How thick? Personally I turn my grill up to its hiighest setting and allow it to reach peak temp. I then place my 1" tenderloin on it and let it cook for no more than 3 min before flipping for another 2 min. Nothing worse than overcooking veniison. And most importantly try to refrain from flipping more than once.
_Posted via Mobile Device_


----------



## William H Bonney (Jan 14, 2003)

Tenderloins are an odd one to grill because of their irregular shape and thickness. Another thing is they're so tender that you can't really use the "finger test" to determine doneness. 

My suggestion would be, until you learn your new grill,, use a grill thermometer and a meat thermometer. Knowing the actual temperature of your grill (at the grate) and the "hot spots", is vital information, IMO. From there you can use the normal "time requirements", ie. roughly 4 minutes a side for rare, 5 a side for medium rare, etc.


----------



## eyeball (Dec 23, 2011)

I use an electric therm. @ 140dgs in the thickest spot I pull it. & let it sit for five min. Med rare is 145, I cook the loin whole.

P.s. they go quick so stay by the grill and monitor it while consuming an adult beverage.

Good luck

Outdoor Hub mobile, the outdoor information engine


----------



## Patman75 (Jan 11, 2012)

I have been marinating them in oilve oil with some herbs, then wrap them in bacon and grill on low.

When the bacon in crispy the tenderloins are perfect. the oil and bacon keeps them from drying out. There are many recipe variations of this on the web, just search for bacon wrap vension. Just watch out for flare ups.

They are sooooo good.


----------



## U of M Fan (May 8, 2005)

Thanks for the quick responses. My biggest fear is over cooking. 

Michi, I always flip it once, I think that's a mistake a lot of people make when grilling meat. Probably gonna have to use a thermometer.


_OutdoorHub Mobile, the information engine of the outdoors._


----------



## SteelieArm14 (Jan 6, 2012)

Marinate them in Olive oil, soy sauce,worshtesire, and minced garlic and then wrap them in bacon. once the bacon on the outside is kinda crispy they are done. Works like a charm and tastes awesome, even on a gas grill. Thats how i do it, they are good enough to turn a vegitarian into a CARNIVORE!


----------



## U of M Fan (May 8, 2005)

The bacon idea sounds interesting but never was big into marinating. We use our own seasoning mix and lea and perrins.

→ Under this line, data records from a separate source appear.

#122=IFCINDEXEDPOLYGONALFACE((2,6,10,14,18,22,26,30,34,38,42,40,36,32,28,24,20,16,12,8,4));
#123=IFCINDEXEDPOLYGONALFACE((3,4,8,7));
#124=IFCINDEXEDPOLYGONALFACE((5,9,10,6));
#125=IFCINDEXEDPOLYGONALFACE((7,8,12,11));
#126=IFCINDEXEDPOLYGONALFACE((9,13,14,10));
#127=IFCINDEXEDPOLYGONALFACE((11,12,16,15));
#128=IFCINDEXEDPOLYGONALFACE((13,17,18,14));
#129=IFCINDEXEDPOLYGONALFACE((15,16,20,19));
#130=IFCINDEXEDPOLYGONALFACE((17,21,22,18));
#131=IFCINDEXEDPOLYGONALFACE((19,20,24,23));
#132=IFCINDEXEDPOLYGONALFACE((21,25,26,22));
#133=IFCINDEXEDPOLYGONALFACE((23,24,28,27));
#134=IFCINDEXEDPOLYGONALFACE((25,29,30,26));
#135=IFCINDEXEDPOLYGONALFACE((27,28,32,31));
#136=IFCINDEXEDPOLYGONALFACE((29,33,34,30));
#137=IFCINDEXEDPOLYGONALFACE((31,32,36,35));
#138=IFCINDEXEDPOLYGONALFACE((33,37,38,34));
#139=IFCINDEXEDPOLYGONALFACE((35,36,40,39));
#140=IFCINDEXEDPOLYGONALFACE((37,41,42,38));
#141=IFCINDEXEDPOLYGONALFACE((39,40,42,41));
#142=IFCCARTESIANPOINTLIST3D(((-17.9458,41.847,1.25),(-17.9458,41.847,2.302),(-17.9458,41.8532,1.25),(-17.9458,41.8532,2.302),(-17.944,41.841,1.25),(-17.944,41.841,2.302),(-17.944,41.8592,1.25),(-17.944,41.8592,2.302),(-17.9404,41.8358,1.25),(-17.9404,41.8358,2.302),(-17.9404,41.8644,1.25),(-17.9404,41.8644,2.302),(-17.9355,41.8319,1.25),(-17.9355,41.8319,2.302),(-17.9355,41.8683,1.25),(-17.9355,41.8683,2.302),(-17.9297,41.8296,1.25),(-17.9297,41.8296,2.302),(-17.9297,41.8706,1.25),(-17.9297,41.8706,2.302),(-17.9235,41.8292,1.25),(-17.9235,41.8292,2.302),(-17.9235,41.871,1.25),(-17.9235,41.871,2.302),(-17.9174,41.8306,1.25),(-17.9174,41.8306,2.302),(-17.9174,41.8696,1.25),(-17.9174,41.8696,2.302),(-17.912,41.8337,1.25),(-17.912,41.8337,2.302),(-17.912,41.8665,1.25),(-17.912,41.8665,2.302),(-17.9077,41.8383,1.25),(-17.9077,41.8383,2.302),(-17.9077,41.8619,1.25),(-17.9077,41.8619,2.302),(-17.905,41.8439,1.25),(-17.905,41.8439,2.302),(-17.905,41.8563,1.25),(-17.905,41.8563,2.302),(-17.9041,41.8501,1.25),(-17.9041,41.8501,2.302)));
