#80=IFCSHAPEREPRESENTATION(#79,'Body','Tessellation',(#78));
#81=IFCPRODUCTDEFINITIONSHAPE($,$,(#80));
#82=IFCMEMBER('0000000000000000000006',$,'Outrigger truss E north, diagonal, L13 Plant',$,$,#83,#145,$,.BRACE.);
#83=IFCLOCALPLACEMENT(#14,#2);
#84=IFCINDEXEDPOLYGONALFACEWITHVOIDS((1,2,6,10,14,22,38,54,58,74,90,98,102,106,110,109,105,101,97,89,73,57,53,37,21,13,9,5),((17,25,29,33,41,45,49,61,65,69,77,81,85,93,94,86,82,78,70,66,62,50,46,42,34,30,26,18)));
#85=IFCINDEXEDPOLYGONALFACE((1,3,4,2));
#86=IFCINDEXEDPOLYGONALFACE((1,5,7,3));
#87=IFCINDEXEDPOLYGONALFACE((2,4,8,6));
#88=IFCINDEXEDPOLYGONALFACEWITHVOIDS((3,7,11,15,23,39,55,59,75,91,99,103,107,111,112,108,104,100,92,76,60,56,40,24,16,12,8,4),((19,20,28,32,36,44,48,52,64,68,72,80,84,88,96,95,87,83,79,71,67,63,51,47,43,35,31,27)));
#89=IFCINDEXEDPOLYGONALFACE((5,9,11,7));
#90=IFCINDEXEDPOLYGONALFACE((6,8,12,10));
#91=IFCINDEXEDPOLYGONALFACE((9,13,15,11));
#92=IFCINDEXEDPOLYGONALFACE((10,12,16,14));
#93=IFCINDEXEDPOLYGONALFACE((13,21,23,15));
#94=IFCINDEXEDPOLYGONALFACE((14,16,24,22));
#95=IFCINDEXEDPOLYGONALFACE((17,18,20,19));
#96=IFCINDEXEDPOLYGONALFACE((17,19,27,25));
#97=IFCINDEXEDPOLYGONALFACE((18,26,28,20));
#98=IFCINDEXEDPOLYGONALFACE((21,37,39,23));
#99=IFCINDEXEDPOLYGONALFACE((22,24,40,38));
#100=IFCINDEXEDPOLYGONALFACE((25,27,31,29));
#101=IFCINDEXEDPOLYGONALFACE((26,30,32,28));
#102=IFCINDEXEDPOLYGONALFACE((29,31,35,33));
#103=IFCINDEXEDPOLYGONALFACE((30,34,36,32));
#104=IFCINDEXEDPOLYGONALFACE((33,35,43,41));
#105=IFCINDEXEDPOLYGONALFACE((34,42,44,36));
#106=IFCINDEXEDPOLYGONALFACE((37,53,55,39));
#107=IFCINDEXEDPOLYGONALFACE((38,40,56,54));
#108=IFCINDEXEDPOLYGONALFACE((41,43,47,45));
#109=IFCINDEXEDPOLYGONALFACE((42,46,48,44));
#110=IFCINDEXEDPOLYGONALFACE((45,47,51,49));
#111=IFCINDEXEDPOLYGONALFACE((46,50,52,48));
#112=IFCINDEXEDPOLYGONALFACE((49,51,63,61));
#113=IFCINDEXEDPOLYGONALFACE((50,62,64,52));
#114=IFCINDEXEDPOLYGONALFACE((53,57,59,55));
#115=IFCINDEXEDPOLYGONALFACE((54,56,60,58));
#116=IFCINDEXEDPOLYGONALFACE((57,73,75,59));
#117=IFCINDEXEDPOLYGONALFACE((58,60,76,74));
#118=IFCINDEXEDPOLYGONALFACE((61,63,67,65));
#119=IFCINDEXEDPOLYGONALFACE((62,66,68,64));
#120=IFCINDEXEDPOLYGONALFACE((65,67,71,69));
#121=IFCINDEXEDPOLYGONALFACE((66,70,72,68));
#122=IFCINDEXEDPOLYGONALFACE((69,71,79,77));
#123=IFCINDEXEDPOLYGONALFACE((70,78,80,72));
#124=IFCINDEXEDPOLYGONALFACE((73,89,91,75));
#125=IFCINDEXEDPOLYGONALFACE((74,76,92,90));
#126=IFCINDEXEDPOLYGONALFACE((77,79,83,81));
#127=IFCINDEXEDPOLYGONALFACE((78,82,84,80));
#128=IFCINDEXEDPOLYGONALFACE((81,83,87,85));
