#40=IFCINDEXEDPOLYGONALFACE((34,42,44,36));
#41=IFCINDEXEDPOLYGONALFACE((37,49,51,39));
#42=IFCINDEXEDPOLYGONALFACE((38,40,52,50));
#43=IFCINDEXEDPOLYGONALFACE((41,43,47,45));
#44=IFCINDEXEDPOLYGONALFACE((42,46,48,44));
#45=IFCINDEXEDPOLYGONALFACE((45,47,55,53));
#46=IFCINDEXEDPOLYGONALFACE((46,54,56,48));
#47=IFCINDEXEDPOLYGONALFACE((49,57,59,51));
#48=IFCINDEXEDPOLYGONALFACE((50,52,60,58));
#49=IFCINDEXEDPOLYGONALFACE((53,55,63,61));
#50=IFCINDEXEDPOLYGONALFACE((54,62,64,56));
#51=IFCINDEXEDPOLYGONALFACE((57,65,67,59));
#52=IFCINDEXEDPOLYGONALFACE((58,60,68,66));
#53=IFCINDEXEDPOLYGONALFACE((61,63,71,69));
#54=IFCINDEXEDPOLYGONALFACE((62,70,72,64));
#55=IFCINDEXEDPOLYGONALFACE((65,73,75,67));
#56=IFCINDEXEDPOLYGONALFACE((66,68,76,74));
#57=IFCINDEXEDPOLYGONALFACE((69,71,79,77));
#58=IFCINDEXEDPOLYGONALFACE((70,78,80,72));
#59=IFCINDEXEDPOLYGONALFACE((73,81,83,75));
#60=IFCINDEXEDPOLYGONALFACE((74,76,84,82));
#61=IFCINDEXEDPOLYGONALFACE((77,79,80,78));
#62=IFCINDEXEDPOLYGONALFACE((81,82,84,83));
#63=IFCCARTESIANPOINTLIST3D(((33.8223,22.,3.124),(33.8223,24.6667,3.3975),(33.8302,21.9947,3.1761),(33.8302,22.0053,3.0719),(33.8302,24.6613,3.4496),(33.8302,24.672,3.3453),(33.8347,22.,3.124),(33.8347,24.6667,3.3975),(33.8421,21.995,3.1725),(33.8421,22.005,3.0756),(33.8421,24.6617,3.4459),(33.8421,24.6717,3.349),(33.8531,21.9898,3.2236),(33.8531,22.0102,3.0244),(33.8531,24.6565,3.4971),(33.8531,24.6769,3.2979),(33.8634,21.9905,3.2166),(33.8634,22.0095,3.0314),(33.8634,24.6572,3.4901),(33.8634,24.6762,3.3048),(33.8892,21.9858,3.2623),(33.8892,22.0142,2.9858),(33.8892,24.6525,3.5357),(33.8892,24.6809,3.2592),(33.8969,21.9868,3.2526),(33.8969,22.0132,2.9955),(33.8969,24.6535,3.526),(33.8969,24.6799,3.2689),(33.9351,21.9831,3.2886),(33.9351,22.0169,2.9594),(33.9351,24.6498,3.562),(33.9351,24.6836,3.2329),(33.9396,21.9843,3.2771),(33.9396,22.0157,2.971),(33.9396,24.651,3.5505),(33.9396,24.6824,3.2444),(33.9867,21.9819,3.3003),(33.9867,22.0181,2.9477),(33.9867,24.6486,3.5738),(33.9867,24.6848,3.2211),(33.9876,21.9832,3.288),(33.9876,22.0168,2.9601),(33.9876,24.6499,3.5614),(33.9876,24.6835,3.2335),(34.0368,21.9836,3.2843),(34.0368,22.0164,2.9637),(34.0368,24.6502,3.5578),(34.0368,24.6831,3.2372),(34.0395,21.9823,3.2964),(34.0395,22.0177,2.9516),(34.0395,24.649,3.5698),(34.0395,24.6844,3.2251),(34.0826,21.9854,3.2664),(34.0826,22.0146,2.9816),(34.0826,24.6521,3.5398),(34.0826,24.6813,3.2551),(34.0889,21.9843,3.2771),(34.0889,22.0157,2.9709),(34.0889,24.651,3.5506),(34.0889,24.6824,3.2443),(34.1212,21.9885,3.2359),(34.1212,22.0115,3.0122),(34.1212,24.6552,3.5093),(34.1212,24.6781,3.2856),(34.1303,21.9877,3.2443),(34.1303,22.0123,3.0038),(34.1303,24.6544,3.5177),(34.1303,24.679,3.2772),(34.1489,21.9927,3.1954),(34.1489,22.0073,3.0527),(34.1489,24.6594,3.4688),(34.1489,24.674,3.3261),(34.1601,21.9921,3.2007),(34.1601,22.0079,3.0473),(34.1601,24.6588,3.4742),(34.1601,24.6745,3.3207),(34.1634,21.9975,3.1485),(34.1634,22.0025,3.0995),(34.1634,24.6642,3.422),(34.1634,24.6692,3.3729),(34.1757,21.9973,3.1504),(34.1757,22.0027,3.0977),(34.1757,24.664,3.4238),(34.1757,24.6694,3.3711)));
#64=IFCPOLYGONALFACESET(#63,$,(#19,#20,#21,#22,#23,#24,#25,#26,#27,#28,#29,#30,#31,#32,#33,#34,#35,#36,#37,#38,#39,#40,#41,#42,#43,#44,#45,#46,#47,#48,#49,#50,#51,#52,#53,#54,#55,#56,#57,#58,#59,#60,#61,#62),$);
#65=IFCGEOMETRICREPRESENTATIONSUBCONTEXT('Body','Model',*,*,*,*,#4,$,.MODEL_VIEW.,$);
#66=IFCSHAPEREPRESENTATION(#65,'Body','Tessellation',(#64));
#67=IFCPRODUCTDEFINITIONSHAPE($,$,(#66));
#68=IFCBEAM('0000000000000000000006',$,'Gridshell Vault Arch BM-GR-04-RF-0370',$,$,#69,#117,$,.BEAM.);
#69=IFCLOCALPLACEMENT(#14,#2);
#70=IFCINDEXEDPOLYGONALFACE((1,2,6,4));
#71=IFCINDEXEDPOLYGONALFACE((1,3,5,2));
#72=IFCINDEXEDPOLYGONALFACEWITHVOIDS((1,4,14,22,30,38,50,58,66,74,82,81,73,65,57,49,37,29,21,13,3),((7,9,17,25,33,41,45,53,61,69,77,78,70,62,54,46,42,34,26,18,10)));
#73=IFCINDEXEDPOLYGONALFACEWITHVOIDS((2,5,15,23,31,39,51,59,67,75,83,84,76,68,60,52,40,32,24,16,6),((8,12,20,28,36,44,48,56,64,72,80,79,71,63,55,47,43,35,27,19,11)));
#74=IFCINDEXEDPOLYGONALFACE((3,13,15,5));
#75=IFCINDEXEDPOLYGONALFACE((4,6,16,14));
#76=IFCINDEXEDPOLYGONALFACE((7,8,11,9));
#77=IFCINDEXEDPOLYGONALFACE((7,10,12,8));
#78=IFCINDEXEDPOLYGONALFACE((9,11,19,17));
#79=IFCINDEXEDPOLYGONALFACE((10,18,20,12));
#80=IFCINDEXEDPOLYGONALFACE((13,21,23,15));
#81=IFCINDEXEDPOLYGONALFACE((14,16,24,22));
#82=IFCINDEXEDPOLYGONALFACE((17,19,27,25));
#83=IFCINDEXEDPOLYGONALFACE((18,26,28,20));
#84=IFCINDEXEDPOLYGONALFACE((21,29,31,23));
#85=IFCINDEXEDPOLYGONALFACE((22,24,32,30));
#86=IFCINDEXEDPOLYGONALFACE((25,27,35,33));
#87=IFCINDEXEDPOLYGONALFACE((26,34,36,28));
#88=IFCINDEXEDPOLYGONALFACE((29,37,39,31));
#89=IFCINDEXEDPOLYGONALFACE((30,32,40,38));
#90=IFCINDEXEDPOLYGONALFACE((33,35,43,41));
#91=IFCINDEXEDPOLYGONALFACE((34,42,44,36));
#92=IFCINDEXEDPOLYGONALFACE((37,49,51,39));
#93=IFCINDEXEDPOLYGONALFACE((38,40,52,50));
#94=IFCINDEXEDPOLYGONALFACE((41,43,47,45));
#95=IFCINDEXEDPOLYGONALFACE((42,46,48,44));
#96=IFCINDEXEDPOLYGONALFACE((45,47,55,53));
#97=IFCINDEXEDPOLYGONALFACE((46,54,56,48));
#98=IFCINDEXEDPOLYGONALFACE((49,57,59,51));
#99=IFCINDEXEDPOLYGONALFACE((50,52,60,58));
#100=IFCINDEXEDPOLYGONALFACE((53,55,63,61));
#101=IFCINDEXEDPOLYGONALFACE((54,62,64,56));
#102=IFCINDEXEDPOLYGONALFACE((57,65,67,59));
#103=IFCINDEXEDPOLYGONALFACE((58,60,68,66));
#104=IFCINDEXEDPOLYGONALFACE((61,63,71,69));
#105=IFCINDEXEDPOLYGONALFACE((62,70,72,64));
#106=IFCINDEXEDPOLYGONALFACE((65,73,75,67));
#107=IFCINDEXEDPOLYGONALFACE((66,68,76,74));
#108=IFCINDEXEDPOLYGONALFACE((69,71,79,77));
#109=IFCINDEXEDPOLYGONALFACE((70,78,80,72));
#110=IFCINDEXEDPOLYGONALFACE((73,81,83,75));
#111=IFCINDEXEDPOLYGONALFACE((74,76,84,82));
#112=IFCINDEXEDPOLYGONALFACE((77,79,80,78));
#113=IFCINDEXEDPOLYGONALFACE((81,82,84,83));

_OutdoorHub Mobile, the information engine of the outdoors._


----------



## SteelieArm14 (Jan 6, 2012)

The big reason i marinate them is for a little smokey flavor that i cant get from my propane grill. The Bacon just helps keep them from drying out. Im sure with a charcole grill you wouldnt really need to marinate them.


----------



## U of M Fan (May 8, 2005)

Do you completely wrap them in bacon? Or one or two pieces?


_OutdoorHub Mobile, the information engine of the outdoors._


----------



## William H Bonney (Jan 14, 2003)

The only way venison will "dry out", is because it was over-cooked.


----------



## grateful fisherman (Nov 4, 2009)

A classic easy recipe is to marinade in wishbone Italian dressing and grill med-rare. Very good and not a lotta work


----------



## Patman75 (Jan 11, 2012)

U of M Fan said:


> Do you completely wrap them in bacon? Or one or two pieces?
> 
> 
> _OutdoorHub Mobile, the information engine of the outdoors._


Cut the vension into pieces about as wide as the bacon, you want wide bacon. Wrap and hold with tooth picks.


----------



## U of M Fan (May 8, 2005)

William H Bonney said:


> The only way venison will "dry out", is because it was over-cooked.

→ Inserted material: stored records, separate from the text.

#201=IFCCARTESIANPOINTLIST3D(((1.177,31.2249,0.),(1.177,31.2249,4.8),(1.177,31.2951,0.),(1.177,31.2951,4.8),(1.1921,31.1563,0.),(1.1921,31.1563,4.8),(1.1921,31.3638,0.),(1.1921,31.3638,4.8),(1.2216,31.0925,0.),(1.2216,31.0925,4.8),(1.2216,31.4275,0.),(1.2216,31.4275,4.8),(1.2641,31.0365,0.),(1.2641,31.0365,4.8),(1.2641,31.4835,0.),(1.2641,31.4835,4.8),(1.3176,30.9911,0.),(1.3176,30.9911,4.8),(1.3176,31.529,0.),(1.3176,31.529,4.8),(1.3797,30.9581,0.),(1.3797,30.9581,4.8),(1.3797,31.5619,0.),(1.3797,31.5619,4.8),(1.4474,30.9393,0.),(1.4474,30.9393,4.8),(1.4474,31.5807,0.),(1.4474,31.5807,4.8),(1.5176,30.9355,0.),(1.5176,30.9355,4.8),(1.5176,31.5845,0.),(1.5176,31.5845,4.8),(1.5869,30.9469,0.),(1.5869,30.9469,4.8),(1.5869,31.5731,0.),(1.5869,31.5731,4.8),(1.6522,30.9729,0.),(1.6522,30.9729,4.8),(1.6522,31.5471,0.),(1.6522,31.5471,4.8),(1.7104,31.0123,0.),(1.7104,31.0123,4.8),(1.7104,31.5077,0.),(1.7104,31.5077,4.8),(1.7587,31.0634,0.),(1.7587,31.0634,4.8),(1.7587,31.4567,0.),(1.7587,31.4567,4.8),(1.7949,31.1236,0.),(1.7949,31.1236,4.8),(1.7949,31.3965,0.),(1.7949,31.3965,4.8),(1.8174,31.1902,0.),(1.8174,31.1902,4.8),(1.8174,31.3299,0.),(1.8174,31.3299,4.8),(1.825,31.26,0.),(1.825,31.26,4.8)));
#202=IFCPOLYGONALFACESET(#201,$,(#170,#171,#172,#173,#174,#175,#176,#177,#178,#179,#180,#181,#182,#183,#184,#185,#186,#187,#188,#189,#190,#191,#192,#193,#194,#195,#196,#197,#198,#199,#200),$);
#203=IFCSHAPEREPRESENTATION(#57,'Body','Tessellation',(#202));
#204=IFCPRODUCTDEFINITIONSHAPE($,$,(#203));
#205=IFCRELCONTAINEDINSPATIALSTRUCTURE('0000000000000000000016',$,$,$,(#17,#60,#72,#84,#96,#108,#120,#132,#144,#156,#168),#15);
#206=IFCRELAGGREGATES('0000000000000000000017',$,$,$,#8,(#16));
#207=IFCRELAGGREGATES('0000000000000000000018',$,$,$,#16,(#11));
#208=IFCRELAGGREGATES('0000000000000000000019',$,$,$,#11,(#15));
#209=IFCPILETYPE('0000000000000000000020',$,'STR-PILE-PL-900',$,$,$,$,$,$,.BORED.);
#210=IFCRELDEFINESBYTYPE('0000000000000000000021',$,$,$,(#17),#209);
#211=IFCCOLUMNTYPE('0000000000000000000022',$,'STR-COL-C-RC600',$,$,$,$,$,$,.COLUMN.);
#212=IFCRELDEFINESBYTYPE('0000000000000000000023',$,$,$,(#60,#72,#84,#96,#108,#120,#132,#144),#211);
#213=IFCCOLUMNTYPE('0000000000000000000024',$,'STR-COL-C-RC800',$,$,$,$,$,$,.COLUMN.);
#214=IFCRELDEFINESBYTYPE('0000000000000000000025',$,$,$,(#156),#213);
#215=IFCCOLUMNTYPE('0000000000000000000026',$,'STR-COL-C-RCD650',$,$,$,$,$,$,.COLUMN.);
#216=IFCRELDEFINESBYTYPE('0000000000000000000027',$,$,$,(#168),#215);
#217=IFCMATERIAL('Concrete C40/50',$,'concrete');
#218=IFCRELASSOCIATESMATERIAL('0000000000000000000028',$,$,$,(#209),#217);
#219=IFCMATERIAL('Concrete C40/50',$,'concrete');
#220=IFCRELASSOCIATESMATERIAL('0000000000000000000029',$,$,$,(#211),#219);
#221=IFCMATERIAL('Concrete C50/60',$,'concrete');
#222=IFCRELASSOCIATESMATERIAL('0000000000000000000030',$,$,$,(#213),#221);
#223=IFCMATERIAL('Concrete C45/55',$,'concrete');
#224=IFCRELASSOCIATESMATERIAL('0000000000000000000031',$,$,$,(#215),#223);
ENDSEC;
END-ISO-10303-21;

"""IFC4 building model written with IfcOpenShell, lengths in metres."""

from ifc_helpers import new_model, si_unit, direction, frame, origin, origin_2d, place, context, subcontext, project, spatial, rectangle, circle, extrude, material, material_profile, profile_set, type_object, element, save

I was thinking the same thing but I'm much better at cooking a cow so I wasn't sure. My grill cooks much better than my old one, no hot spots, cooks very evenly but it seems to take longer.


_OutdoorHub Mobile, the information engine of the outdoors._


----------



## SteelieArm14 (Jan 6, 2012)

I leave them whole and cut the bacon in half and wrap it cross ways. usually takes about 4 strips of bacon cut in half.


----------



## U of M Fan (May 8, 2005)

Thanks for the info steelie.


_OutdoorHub Mobile, the information engine of the outdoors._


----------



## Patman75 (Jan 11, 2012)

Cutting them up is nice when you want to share them or make as an appetizer. After you have them once wrapped in bacon you might not want to share them with anyone ever again.


----------



## U of M Fan (May 8, 2005)

Patman75 said:


> Cutting them up is nice when you want to share them or make as an appetizer. After you have them once wrapped in bacon you might not want to share them with anyone ever again.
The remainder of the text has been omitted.